Imagina os olhos cor de cacau de Nnedi se iluminando, seus lábios se movendo depressa, explicando que as ondas de violência não acontecem do nada, que a religião e as etnias muitas vezes são politizadas porque o governante fica a salvo quando os governados famintos matam uns aos outros. (ADICHIE, 2009)
Mesmo assim, as personagens possuem perspectivas positivas e, alguns deles, mesmo diante da possibilidade de sair do país, optam por ficar e viver as suas vidas da forma como o faziam antes. A personagem de A Embaixada Americana opta por abandonar sua entrevista de visto para continuar no país que perseguiu seu marido e assassinou seu filho. Em uma situação análoga, o personagem de Fantasmas também possui a possibilidade de morar nos Estados Unidos com a sua filha, porém decide permanecer em seu país “[u]ma vida repleta disso que chamamos de ‘oportunidade’. Uma vida que não é para mim.” (ADICHIE, 2009)
“‘É uma vida boa, papai?’, Nkiru tem perguntado ultimamente por telefone, com aquele leve sotaque americano que me perturba um pouco.
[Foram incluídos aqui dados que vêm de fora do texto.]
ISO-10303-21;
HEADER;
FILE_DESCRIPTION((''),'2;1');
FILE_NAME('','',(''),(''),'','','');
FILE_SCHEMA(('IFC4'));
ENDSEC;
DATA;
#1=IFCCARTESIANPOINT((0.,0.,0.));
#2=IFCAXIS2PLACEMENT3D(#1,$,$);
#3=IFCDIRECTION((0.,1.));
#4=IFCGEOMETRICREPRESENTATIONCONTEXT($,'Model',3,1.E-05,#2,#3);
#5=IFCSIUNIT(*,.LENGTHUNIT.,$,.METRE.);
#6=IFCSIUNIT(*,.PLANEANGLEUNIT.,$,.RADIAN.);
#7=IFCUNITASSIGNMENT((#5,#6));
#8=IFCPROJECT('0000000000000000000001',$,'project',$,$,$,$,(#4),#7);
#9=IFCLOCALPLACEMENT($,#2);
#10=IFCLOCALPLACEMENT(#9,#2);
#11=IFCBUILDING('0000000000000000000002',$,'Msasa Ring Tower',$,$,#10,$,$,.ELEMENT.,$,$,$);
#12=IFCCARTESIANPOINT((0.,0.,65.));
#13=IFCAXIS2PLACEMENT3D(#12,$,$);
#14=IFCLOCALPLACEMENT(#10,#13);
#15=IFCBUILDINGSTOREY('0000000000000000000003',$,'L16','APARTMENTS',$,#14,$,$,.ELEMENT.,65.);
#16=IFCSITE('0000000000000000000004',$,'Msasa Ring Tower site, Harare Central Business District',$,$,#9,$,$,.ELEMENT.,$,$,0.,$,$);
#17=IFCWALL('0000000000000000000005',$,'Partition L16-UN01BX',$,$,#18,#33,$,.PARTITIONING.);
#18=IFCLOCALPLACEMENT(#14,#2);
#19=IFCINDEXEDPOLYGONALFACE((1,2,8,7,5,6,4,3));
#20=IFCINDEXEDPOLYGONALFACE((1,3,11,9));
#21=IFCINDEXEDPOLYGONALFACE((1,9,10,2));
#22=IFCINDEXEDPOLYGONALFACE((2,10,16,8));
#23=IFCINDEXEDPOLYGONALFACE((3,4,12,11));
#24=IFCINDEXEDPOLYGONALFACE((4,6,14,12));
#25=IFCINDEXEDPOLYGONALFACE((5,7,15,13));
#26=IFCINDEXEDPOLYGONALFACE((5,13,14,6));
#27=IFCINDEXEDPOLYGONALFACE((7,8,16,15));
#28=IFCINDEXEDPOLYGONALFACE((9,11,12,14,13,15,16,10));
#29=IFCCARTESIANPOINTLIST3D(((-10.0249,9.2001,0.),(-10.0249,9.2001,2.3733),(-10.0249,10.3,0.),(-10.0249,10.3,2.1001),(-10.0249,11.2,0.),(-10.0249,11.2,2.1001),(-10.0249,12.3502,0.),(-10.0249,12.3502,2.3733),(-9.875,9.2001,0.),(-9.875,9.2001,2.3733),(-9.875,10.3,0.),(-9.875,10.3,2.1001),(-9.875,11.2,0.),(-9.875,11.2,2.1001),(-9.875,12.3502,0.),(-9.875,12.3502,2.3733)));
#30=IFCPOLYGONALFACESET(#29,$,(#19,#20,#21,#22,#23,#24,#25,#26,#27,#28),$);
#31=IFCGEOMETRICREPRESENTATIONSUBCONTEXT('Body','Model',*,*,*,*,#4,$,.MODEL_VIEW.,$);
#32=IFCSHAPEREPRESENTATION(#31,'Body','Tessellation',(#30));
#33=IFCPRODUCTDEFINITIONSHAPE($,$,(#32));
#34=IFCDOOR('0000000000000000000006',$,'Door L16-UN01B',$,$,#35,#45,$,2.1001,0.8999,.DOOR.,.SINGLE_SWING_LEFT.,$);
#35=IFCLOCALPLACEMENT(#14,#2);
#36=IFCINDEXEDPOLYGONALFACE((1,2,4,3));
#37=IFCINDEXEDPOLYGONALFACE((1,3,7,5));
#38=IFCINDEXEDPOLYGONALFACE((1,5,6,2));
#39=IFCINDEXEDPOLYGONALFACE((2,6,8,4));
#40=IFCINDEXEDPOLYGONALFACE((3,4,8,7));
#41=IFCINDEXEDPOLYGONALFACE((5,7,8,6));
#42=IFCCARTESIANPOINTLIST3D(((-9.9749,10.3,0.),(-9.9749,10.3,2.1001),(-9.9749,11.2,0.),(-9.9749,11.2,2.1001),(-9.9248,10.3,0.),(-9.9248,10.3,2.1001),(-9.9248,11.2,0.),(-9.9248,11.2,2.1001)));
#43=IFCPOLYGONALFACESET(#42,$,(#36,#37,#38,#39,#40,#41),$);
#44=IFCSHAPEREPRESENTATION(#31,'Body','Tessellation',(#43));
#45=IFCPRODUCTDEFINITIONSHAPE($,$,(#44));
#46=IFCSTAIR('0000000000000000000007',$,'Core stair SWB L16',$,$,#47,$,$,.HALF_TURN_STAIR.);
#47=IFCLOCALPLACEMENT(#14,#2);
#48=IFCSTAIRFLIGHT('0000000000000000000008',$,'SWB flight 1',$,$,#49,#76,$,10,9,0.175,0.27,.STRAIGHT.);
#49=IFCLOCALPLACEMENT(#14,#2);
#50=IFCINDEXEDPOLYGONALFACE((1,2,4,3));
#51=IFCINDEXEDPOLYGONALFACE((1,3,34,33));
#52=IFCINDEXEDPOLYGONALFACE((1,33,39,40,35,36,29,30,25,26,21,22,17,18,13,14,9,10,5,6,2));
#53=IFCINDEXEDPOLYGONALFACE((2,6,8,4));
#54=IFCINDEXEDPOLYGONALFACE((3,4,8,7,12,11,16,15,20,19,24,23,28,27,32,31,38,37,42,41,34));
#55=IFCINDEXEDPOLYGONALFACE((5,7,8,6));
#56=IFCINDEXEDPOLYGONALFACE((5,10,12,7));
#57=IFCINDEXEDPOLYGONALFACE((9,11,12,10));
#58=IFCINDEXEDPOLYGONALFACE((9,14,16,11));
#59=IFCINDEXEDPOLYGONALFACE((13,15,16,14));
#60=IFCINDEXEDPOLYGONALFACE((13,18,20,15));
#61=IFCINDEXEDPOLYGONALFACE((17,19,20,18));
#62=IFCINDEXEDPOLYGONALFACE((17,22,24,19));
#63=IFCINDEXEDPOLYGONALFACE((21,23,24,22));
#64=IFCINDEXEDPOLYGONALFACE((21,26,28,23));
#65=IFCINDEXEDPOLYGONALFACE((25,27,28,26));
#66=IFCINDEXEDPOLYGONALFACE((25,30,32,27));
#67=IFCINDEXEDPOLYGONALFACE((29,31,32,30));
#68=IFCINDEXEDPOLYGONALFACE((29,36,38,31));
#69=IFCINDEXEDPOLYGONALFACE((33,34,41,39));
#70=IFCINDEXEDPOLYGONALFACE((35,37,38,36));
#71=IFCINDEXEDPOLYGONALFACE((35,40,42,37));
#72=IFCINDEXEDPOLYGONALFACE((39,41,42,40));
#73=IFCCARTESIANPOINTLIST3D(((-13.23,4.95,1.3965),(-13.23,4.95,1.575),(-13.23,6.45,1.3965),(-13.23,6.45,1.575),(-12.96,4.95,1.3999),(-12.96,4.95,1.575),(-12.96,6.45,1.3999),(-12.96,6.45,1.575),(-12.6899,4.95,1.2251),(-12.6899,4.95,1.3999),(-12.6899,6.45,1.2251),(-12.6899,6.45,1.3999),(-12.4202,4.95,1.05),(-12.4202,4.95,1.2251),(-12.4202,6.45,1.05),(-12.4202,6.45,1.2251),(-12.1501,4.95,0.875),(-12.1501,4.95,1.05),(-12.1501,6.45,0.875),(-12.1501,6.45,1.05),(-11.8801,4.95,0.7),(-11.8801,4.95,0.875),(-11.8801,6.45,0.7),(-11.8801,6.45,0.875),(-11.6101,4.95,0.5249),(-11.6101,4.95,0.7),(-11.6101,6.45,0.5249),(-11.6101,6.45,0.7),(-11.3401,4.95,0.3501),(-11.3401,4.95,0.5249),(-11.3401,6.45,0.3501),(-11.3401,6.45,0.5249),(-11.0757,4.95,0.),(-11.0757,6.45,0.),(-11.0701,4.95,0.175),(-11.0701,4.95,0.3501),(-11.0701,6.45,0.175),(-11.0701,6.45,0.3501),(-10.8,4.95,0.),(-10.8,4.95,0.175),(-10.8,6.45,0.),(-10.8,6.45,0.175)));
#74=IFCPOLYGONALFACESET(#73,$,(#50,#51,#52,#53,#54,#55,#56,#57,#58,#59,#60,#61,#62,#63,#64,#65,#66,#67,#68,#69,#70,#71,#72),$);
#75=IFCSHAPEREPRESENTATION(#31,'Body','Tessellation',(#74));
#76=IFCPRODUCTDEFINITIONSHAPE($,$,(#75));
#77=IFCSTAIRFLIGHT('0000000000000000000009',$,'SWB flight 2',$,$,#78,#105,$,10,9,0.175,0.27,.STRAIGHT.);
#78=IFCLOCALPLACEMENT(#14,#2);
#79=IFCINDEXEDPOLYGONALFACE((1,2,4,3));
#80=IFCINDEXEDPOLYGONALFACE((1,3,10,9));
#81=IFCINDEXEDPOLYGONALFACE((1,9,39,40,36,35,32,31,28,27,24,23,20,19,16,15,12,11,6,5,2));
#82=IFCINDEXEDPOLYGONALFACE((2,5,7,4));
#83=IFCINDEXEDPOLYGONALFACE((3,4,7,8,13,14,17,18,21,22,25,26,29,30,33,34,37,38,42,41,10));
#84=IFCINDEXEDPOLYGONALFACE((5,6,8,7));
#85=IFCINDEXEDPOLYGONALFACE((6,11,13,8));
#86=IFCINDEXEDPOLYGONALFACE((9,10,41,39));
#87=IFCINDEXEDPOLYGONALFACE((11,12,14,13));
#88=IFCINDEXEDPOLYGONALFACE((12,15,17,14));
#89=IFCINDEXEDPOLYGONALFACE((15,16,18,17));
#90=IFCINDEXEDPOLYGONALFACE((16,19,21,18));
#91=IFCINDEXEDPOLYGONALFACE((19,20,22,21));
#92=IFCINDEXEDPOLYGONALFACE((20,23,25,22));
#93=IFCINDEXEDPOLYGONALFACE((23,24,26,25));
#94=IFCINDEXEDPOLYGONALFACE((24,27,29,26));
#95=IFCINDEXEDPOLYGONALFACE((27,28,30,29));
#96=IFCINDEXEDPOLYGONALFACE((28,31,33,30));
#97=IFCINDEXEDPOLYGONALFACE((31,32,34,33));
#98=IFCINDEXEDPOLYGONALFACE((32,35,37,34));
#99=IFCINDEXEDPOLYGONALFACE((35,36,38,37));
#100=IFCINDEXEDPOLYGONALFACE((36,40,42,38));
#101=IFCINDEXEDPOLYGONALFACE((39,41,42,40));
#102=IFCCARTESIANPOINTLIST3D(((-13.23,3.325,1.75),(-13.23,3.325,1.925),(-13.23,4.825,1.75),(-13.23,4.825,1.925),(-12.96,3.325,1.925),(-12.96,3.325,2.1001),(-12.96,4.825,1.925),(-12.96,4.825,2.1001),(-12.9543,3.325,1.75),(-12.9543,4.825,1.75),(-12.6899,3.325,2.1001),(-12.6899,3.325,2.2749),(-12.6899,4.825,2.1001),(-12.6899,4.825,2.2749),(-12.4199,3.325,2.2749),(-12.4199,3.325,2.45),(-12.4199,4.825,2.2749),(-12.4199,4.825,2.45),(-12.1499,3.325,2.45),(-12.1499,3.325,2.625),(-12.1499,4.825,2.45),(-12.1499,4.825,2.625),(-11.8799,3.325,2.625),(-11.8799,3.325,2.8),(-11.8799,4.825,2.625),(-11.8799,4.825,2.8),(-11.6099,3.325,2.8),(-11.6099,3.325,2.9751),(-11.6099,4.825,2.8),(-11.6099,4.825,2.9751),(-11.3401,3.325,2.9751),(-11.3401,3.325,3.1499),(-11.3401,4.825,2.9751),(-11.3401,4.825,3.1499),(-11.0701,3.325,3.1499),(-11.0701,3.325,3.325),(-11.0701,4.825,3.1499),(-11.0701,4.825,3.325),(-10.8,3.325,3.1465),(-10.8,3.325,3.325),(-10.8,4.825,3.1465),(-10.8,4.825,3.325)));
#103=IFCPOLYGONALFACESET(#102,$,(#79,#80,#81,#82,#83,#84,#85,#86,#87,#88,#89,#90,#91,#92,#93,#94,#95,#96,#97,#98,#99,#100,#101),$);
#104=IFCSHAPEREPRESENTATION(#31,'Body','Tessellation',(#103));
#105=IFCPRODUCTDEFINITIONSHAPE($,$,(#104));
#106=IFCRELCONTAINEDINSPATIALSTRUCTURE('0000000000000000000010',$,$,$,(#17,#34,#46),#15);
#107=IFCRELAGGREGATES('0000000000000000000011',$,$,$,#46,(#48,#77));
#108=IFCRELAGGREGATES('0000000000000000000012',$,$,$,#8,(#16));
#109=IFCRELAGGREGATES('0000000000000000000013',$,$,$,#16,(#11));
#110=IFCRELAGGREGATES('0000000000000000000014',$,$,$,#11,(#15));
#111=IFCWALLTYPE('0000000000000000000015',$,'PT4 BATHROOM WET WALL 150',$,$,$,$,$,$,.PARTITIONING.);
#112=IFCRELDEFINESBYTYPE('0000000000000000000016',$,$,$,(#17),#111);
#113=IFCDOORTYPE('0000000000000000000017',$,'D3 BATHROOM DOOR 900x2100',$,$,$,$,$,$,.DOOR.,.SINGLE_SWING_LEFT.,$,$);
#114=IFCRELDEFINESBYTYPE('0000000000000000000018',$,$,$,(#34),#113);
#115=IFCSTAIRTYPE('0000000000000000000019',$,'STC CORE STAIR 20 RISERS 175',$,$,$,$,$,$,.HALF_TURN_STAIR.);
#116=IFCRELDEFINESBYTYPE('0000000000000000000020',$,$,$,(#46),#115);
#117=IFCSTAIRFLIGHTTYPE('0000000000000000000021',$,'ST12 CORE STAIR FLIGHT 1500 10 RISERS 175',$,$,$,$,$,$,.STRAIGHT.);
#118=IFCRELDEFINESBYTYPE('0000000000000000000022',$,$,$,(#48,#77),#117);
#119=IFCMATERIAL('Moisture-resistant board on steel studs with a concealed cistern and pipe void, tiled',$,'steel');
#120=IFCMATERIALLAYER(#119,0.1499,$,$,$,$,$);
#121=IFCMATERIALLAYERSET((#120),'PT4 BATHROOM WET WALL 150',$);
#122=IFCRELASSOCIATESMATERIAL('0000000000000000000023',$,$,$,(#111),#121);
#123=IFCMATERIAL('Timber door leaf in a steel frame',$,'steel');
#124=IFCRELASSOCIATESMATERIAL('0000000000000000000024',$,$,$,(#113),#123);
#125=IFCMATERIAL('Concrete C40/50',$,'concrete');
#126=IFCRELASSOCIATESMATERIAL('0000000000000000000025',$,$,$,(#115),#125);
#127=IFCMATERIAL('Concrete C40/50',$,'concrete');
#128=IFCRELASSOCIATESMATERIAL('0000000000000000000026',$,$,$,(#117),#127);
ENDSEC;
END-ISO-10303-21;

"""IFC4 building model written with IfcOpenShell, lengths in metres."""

from ifc_helpers import new_model, si_unit, direction, frame, frame_2d, origin, place, context, subcontext, project, spatial, polyline, rectangle, outline, extrude, material, layer, layer_set, type_object, element, fill, aggregate, save


model = new_model("IFC4")

# Units and contexts
model_context = context("Model", 3, precision=1e-05, world=origin(), true_north=direction((0.0, 1.0)))
body_context = subcontext(model_context, "Body", "Model", "MODEL_VIEW")
ifc_project = project(units=[si_unit("LENGTHUNIT", "METRE"), si_unit("PLANEANGLEUNIT", "RADIAN")], contexts=[model_context])

# Site, building, storey
site_placement = place(None, origin())
site = spatial("IfcSite", under=ifc_project, at=site_placement, Name="Msasa Ring Tower site, Harare Central Business District", CompositionType="ELEMENT", RefElevation=0.0)
building_placement = place(site_placement, origin())
building = spatial("IfcBuilding", under=site, at=building_placement, Name="Msasa Ring Tower", CompositionType="ELEMENT")
storey_placement = place(building_placement, frame((0.0, 0.0, 65.0)))
storey = spatial("IfcBuildingStorey", under=building, at=storey_placement, Name="L16", Description="APARTMENTS", CompositionType="ELEMENT", Elevation=65.0)

# Wall, opening, door
ifc_material_1 = material(Name="Moisture-resistant board on steel studs with a concealed cistern and pipe void, tiled", Category="steel")
ifc_layer_1 = layer(ifc_material_1, 0.1499)
ifc_layer_set_1 = layer_set([ifc_layer_1], Name="PT4 BATHROOM WET WALL 150")
wall_type_1 = type_object("IfcWallType", Name="PT4 BATHROOM WET WALL 150", PredefinedType="PARTITIONING", material=ifc_layer_set_1)
ifc_material_2 = material(Name="Timber door leaf in a steel frame", Category="steel")
door_type_1 = type_object("IfcDoorType", Name="D3 BATHROOM DOOR 900x2100", OperationType="SINGLE_SWING_LEFT", PredefinedType="DOOR", material=ifc_material_2)
wall_1_placement = place(storey_placement, frame((-9.95, 9.2, 0.0), z_axis=(0.0, 0.0, 1.0), x_axis=(0.0, 1.0, 0.0)))
wall_1 = element("IfcWall", 1, at=wall_1_placement, inside=storey, type_object=wall_type_1, Name="Partition L16-UN01BX", PredefinedType="PARTITIONING", context=body_context, shape_type="SweptSolid", body=[
    extrude(rectangle(XDim=3.1501, YDim=0.1499, at=frame_2d((1.5752, 0.0))), origin(), (0.0, 0.0, 1.0), 2.3733),
])
opening_1_placement = place(wall_1_placement, frame((1.1001, 0.0, 0.0)))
Não é boa, nem ruim, respondo; é apenas a minha vida. E é isso que importa” (ADICHIE, 2009)
Conclusão
“No seu pescoço”, por meio de uma narrativa de contos de diferentes épocas, apresenta a reconstrução de uma memória de um país marcado pela guerra e que ainda possui em seu cerne um povo segregado e insatisfeito. Apesar das contundentes críticas das personagens, estas por diversas vezes apresentam orgulho e uma sensação de pertencimento ao país. A construção, através da ficção, da história por vezes obscurecida de um povo é o que desperta a aproximação com o leitor e a possibilidade de entender um pouco da cultura e sociedade nigeriana por diversas pessoas ao redor do globo.
Referências:
ACHEBE, Chinua. There was a country: a personal history of Biafra. Nova York: Penguin Press, 2013.
ADICHIE, Chimamanda Ngozi. No seu pescoço. Rio de Janeiro: Rocco, 2009. Edição digital não paginada.